Sultan Mansyur Syah berusaha semampunya untuk memperkuat kembali kesultanan yang
sudah rapuh. Dia berhasil menundukkan para raja lada untuk menyetor upeti ke sultan, hal yang
sebelumnya tak mampu dilakukan sultan terdahulu. Untuk memperkuat pertahanan wilayah timur,
sultan mengirimkan armada pada tahun 1854 dipimpin oleh Laksamana Tuanku Usen dengan
kekuatan 200 perahu. Ekspedisi ini untuk meyakinkan kekuasaan Aceh terhadap Deli, Langkat dan
Serdang. Namun naas, tahun 1865 Aceh angkat kaki dari daerah itu dengan ditaklukkannya benteng
Pulau Kampai.
Sultan juga berusaha membentuk persekutuan dengan pihak luar sebagai usaha untuk
membendung agresi Belanda. Dikirimkannya utusan kembali ke Istanbul sebagai pemertegas status
Aceh sebagai vassal Turki Utsmaniyah serta mengirimkan sejumlah dana bantuan untuk Perang
Krimea. Sebagai balasan, Sultan Abdul Majid I mengirimkan beberapa alat tempur untuk Aceh. Tak
hanya dengan Turki, sultan juga berusaha membentuk aliansi dengan Perancis dengan mengirim
surat kepada Raja Perancis Louis Philippe I dan Presiden Republik Perancis ke II (1849). Namun
permohonan ini tidak ditanggapi dengan serius.
Kemunduran terus berlangsung dengan naiknya Sultan Mahmudsyah yang muda nan lemah
ke tapuk kekuasaan. Serangkaian upaya diplomasi ke Istanbul yang dipimpin oleh Teuku Paya
Bakong dan Habib Abdurrahman Az-zahier untuk melawan ekspansi Belanda gagal. Setelah
kembali ke ibukota, Habib bersaing dengan seorang India Teuku Panglima Maharaja Tibang
Muhammad untuk menancapkan pengaruh dalam pemerintahan Aceh. Kaum moderat cenderung
mendukung Habib namun sultan justru melindungi Panglima Tibang yang dicurigai bersekongkol
dengan Belanda ketika berunding di Riau.[5]
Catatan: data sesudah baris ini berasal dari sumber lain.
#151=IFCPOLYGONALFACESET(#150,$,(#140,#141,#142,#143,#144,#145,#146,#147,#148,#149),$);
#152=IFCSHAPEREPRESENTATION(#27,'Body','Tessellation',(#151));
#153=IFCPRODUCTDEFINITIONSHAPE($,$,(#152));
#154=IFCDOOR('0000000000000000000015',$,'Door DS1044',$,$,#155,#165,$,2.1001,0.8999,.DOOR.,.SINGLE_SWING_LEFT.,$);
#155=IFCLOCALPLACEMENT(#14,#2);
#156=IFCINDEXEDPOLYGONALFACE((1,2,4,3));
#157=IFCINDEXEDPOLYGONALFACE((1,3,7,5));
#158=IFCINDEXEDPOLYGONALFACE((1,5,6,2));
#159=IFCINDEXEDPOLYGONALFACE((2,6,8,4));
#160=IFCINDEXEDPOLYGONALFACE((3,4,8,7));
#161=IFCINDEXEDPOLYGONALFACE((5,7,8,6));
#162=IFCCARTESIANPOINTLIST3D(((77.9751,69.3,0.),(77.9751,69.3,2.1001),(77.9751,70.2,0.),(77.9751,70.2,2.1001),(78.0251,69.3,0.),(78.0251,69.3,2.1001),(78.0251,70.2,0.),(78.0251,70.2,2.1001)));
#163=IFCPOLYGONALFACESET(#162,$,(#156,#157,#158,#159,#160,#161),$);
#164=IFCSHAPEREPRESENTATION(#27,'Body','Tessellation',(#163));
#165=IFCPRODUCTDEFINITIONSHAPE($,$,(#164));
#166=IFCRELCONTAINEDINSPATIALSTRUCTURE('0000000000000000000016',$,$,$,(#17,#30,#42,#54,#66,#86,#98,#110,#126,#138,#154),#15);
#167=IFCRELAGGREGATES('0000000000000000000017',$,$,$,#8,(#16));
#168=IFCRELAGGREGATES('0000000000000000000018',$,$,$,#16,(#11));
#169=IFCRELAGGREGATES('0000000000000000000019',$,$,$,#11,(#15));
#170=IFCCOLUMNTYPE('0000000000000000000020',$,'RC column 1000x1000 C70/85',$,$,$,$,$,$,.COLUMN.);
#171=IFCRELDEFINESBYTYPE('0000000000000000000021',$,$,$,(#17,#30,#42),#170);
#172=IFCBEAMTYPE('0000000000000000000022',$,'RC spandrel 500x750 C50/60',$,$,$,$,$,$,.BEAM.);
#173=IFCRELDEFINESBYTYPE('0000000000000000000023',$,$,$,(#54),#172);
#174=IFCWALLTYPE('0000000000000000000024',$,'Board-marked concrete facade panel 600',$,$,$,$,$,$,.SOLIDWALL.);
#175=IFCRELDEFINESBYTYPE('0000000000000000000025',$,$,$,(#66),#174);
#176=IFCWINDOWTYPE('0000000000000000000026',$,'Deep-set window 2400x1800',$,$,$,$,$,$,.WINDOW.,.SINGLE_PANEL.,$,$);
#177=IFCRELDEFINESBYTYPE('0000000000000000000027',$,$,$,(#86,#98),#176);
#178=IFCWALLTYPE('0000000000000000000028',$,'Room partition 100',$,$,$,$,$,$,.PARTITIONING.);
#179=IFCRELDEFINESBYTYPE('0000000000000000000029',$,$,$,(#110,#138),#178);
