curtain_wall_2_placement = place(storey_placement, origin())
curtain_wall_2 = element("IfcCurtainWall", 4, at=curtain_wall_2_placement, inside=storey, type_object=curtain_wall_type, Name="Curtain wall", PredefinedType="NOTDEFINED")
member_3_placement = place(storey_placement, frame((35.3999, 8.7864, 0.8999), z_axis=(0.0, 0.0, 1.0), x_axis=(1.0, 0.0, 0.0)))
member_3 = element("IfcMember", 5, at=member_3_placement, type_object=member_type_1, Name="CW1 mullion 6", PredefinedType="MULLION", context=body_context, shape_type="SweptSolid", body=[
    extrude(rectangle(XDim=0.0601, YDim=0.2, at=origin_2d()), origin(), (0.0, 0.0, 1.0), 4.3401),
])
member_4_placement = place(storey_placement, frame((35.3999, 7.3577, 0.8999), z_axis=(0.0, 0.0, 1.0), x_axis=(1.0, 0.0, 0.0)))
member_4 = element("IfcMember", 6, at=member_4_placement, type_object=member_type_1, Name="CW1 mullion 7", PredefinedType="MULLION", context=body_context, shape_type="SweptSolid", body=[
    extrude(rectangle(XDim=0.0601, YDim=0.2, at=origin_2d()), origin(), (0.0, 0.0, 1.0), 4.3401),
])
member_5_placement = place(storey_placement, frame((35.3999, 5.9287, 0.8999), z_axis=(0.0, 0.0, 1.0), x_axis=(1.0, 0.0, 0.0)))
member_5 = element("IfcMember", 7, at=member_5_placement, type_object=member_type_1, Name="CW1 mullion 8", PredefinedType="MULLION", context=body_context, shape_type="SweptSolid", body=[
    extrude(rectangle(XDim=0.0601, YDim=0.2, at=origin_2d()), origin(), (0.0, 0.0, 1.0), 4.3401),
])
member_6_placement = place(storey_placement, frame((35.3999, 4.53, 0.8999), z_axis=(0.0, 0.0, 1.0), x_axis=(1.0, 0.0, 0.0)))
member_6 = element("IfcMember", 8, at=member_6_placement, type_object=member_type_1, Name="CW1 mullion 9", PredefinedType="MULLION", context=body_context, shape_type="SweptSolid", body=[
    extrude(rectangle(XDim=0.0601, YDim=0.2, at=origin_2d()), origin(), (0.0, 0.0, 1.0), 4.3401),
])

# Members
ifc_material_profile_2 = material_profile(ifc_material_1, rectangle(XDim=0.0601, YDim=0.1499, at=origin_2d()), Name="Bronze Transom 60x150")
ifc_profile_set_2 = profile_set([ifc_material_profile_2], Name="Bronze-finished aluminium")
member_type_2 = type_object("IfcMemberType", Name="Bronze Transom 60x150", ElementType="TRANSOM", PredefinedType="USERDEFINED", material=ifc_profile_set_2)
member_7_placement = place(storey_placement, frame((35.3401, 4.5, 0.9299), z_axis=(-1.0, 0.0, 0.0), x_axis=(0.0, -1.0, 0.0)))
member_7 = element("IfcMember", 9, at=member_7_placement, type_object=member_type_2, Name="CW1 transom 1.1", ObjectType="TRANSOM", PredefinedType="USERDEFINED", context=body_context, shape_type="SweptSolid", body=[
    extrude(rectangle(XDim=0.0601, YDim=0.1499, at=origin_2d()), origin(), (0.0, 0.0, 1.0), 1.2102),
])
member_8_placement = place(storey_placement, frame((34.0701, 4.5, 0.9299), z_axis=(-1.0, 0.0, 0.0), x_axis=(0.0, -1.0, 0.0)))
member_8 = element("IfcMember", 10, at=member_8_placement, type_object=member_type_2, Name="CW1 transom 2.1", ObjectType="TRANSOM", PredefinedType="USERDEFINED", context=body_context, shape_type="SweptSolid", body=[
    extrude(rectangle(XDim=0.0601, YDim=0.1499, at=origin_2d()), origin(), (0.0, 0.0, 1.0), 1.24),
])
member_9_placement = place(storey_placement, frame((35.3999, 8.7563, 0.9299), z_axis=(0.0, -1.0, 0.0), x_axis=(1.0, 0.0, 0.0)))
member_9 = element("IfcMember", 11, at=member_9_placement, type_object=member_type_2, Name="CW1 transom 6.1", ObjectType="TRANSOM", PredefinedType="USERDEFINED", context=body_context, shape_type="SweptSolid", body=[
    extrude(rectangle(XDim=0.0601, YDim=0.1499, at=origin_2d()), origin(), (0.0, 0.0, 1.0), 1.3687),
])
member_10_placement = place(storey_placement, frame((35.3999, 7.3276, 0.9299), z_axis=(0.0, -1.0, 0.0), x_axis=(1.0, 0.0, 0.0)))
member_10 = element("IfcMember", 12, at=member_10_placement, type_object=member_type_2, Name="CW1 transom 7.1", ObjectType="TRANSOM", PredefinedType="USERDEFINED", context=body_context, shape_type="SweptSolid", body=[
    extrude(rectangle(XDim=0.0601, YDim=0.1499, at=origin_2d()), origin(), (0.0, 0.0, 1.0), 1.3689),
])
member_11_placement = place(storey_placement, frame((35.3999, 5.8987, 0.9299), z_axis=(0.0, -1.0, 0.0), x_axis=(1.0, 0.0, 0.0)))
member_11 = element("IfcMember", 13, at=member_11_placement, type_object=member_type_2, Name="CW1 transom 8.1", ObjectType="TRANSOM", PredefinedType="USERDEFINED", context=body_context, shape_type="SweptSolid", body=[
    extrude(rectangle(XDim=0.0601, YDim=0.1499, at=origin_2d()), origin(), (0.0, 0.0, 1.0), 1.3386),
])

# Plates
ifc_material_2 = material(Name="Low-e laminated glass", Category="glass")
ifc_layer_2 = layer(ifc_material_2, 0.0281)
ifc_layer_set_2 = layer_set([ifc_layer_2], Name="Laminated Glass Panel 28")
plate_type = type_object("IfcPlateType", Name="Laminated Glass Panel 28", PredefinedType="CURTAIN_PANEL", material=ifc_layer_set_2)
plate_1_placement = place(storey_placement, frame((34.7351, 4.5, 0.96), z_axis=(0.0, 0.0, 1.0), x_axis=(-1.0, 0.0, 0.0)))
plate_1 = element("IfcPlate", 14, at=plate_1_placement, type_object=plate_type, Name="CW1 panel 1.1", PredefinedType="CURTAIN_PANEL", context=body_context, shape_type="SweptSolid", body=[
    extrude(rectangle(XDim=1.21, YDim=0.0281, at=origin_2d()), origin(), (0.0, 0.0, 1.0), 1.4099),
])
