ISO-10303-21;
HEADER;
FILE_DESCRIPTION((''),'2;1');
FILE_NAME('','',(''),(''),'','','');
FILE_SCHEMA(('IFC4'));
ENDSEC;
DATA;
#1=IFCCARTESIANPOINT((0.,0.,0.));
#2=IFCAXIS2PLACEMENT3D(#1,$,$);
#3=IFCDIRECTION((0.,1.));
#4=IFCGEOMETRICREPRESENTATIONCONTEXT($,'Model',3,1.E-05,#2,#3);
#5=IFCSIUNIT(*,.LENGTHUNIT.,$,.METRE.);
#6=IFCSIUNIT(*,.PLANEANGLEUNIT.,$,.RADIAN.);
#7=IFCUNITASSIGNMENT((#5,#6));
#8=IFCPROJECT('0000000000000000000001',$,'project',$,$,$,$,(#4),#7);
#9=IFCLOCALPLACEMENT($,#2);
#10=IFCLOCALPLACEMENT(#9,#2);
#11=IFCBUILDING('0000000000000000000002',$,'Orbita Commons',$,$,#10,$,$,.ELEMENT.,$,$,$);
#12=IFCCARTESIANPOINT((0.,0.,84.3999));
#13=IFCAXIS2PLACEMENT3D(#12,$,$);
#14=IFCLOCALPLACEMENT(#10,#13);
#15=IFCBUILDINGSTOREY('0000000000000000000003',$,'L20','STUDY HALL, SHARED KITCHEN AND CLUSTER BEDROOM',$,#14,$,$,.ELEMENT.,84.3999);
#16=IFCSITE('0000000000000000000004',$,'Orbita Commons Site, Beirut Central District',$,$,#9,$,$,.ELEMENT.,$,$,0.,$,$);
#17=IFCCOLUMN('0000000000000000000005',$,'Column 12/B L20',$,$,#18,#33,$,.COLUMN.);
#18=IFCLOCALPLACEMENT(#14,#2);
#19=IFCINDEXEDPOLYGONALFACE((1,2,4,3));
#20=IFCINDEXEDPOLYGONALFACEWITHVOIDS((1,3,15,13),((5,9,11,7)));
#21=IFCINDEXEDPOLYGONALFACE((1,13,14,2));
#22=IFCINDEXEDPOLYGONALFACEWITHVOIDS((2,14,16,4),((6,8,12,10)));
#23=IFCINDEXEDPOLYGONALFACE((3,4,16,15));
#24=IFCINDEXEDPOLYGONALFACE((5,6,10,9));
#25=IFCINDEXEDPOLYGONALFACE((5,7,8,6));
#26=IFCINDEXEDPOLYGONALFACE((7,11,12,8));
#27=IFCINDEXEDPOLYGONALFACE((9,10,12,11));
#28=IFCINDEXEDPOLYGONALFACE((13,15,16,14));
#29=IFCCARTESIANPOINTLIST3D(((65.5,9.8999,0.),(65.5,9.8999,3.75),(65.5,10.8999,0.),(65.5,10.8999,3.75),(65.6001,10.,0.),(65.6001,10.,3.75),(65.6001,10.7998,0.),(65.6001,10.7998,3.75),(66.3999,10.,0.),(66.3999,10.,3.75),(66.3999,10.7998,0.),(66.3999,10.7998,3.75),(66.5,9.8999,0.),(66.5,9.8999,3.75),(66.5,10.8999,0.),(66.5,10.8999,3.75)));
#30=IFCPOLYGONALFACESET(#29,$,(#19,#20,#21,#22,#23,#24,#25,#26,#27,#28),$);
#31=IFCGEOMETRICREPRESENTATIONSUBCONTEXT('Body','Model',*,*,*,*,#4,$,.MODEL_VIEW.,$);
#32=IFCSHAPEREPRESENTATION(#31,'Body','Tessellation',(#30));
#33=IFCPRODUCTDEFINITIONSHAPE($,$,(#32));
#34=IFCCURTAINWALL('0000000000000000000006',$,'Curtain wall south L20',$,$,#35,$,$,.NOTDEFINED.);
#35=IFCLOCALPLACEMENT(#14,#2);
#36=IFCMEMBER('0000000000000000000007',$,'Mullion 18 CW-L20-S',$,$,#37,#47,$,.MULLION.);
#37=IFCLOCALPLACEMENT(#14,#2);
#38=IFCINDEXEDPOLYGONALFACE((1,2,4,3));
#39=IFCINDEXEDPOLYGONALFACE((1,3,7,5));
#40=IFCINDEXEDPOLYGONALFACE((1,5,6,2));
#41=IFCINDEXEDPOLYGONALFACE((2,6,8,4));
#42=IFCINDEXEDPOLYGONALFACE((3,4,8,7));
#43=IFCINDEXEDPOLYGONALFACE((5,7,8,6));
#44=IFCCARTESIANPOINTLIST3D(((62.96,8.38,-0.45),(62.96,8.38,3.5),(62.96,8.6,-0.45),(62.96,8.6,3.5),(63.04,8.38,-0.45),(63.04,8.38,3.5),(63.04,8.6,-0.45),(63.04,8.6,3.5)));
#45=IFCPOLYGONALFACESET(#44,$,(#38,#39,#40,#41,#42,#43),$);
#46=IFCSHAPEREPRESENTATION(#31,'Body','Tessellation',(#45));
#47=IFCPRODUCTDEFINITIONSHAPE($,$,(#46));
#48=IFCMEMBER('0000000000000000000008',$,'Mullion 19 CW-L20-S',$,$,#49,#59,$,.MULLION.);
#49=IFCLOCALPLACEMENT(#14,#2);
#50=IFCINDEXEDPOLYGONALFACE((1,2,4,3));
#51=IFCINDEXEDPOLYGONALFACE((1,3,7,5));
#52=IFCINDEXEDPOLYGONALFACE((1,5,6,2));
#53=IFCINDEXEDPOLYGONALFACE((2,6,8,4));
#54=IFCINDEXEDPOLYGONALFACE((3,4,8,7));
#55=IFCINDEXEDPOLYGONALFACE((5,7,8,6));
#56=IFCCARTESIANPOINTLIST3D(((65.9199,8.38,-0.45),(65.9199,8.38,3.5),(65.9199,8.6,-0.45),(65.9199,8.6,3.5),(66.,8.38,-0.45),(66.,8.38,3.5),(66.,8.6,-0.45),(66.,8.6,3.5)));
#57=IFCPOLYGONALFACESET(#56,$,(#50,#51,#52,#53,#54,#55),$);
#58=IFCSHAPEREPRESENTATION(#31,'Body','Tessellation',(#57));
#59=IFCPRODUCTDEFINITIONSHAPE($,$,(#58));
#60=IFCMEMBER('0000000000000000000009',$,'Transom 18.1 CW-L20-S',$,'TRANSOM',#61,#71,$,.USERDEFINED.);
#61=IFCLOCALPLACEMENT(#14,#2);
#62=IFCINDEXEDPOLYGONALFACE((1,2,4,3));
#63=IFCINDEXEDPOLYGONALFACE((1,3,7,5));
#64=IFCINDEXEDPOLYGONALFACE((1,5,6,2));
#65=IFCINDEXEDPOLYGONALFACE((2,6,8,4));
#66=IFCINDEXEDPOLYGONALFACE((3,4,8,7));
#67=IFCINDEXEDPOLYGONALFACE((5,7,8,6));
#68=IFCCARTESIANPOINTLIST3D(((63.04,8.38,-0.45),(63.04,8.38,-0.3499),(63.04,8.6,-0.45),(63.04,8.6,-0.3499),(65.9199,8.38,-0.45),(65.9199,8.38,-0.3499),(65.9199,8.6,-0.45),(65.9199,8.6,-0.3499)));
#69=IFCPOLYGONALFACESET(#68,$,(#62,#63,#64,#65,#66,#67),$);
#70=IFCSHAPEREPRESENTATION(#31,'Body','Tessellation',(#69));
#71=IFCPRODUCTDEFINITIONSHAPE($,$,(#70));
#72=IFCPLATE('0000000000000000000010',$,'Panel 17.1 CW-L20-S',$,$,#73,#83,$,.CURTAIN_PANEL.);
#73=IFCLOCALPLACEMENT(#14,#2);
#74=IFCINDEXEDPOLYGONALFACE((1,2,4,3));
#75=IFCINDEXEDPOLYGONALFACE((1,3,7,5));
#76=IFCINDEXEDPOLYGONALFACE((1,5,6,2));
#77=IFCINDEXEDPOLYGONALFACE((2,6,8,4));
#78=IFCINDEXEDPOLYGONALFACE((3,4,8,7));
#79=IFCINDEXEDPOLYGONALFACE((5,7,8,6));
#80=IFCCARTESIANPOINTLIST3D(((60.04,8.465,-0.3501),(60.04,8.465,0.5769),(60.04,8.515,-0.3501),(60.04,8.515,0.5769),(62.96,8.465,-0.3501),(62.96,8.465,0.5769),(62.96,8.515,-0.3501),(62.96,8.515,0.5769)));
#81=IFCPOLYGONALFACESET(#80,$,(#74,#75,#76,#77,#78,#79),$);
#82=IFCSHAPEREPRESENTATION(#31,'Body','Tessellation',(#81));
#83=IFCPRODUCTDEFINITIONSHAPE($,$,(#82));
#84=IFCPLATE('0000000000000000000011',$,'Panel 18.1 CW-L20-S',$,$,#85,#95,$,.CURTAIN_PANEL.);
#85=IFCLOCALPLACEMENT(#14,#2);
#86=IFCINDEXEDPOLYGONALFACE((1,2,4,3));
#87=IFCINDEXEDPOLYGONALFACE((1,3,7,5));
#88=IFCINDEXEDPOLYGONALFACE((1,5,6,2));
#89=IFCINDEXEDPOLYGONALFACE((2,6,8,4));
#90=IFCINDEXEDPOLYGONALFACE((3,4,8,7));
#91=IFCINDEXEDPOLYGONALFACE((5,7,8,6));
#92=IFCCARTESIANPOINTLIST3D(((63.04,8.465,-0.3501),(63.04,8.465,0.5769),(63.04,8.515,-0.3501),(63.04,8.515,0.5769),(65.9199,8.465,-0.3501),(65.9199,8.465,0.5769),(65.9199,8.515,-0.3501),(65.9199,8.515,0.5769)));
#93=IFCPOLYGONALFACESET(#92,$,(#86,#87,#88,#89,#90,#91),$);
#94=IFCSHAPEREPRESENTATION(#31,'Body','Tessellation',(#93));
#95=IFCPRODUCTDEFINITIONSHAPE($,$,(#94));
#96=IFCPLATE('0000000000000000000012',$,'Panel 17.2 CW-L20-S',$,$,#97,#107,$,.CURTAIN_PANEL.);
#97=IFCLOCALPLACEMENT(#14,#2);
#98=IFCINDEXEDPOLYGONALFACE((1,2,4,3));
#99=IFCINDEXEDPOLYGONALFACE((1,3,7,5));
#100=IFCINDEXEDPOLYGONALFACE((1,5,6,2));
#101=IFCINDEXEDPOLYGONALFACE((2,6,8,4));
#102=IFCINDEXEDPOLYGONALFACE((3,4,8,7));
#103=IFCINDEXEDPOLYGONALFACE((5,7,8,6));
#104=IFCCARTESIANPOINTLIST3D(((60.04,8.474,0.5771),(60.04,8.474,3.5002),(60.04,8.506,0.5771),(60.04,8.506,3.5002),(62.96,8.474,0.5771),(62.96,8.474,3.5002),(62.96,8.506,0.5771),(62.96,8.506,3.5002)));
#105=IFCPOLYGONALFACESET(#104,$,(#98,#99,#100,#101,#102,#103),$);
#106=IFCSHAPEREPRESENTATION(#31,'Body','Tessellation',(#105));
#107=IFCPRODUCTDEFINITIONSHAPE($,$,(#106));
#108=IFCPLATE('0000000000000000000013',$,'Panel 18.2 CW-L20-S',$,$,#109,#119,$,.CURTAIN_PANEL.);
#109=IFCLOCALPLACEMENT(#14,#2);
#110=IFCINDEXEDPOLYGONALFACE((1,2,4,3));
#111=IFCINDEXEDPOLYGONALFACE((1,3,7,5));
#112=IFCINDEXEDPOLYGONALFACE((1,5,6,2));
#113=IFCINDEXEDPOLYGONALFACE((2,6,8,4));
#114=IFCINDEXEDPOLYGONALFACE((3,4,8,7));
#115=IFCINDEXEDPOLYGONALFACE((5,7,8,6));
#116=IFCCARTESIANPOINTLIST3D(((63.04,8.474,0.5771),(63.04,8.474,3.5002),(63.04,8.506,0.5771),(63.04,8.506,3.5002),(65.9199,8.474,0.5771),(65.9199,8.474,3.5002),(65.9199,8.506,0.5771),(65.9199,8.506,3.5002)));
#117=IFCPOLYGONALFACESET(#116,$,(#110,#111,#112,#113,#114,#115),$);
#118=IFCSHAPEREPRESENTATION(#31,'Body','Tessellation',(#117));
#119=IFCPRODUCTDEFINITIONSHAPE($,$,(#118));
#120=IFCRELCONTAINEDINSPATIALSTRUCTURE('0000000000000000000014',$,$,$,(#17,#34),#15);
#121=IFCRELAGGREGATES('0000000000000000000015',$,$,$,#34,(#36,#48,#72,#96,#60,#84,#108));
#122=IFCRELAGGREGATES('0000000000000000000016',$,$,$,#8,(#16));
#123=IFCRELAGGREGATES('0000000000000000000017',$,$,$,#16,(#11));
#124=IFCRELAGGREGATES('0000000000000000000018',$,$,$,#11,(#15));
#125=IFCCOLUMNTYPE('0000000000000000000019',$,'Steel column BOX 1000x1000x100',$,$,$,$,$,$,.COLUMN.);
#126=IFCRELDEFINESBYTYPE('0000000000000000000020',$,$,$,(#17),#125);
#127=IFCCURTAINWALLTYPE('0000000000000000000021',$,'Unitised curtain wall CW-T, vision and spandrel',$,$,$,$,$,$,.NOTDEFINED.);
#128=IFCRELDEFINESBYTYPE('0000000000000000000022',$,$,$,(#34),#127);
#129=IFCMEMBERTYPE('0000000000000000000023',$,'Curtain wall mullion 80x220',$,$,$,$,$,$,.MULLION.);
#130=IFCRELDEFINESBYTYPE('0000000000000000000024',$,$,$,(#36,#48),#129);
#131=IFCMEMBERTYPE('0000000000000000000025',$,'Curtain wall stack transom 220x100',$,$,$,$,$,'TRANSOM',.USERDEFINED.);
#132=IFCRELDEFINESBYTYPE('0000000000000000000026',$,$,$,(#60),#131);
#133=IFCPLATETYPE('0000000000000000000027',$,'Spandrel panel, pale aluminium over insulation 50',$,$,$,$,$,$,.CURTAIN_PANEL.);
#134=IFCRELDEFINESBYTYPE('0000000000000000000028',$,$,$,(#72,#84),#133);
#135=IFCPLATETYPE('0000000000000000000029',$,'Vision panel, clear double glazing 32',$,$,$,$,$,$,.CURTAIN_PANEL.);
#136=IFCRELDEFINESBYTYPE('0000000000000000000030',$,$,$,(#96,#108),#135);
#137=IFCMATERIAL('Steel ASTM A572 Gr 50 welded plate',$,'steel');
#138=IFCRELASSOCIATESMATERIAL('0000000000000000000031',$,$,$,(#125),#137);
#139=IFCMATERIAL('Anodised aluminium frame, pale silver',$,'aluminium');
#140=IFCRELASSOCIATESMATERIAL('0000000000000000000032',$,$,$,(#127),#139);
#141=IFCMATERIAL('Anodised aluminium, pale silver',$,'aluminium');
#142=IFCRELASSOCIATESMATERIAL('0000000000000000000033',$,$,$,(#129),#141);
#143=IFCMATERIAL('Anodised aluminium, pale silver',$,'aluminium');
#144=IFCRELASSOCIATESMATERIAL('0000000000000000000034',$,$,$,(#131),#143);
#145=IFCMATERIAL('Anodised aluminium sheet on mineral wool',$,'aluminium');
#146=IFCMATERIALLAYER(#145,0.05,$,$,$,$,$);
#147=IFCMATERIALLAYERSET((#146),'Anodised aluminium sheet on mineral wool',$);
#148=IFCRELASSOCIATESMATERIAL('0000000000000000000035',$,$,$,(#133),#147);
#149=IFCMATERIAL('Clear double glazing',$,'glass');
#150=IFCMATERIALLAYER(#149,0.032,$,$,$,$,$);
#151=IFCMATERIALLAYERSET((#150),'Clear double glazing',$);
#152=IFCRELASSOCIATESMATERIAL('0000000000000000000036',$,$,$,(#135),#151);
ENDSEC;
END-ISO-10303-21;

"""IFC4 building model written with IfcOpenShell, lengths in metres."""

from ifc_helpers import new_model, si_unit, direction, frame, origin, origin_2d, place, context, subcontext, project, spatial, rectangle, hollow_rectangle, extrude, material, layer, layer_set, material_profile, profile_set, type_object, element, aggregate, save


model = new_model("IFC4")

# Units and contexts
model_context = context("Model", 3, precision=1e-05, world=origin(), true_north=direction((0.0, 1.0)))
body_context = subcontext(model_context, "Body", "Model", "MODEL_VIEW")
ifc_project = project(units=[si_unit("LENGTHUNIT", "METRE"), si_unit("PLANEANGLEUNIT", "RADIAN")], contexts=[model_context])

# Site, building, storey
site_placement = place(None, origin())
site = spatial("IfcSite", under=ifc_project, at=site_placement, Name="Orbita Commons Site, Beirut Central District", CompositionType="ELEMENT", RefElevation=0.0)
building_placement = place(site_placement, origin())
building = spatial("IfcBuilding", under=site, at=building_placement, Name="Orbita Commons", CompositionType="ELEMENT")
storey_placement = place(building_placement, frame((0.0, 0.0, 84.3999)))
storey = spatial("IfcBuildingStorey", under=building, at=storey_placement, Name="L20", Description="STUDY HALL, SHARED KITCHEN AND CLUSTER BEDROOM", CompositionType="ELEMENT", Elevation=84.3999)

# Column
ifc_material_1 = material(Name="Steel ASTM A572 Gr 50 welded plate", Category="steel")
ifc_material_profile_1 = material_profile(ifc_material_1, hollow_rectangle(XDim=1.0, YDim=1.0, WallThickness=0.1001, at=origin_2d()), Name="BOX 1000x1000x100")
ifc_profile_set_1 = profile_set([ifc_material_profile_1], Name="Steel ASTM A572 Gr 50 welded plate")
column_type = type_object("IfcColumnType", Name="Steel column BOX 1000x1000x100", PredefinedType="COLUMN", material=ifc_profile_set_1)
column_placement = place(storey_placement, frame((66.0, 10.3999, 0.0), z_axis=(0.0, 0.0, 1.0), x_axis=(1.0, 0.0, 0.0)))
element("IfcColumn", 1, at=column_placement, inside=storey, type_object=column_type, Name="Column 12/B L20", PredefinedType="COLUMN", context=body_context, shape_type="SweptSolid", body=[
Pada akhir November 1871, lahirlah apa yang disebut dengan Traktat Sumatera, dimana
disebutkan dengan jelas "Inggris wajib berlepas diri dari segala unjuk perasaan terhadap perluasan
kekuasaan Belanda di bagian manapun di Sumatera. Pembatasan-pembatasan Traktat London 1824
mengenai Aceh dibatalkan." Sejak itu, usaha-usaha untuk menyerbu Aceh makin santer disuarakan,
baik dari negeri Belanda maupun Batavia. Para Ulee Balang Aceh dan utusan khusus Sultan
ditugaskan untuk mencari bantuan ke sekutu lama Turki. Namun kondisi saat itu tidak
memungkinkan karena Turki saat itu baru saja berperang dengan Rusia di Krimea. Usaha bantuan
juga ditujukan ke Italia, Perancis hingga Amerika namun nihil. Dewan Delapan yang dibentuk di
Penang untuk meraih simpati Inggris juga tidak bisa berbuat apa-apa. Dengan alasan ini, Belanda
memantapkan diri menyerah ibukota. Maret 1873, pasukan Belanda mendarat di Pantai Cermin
Meuraksa menandai awal invasi Belanda Aceh.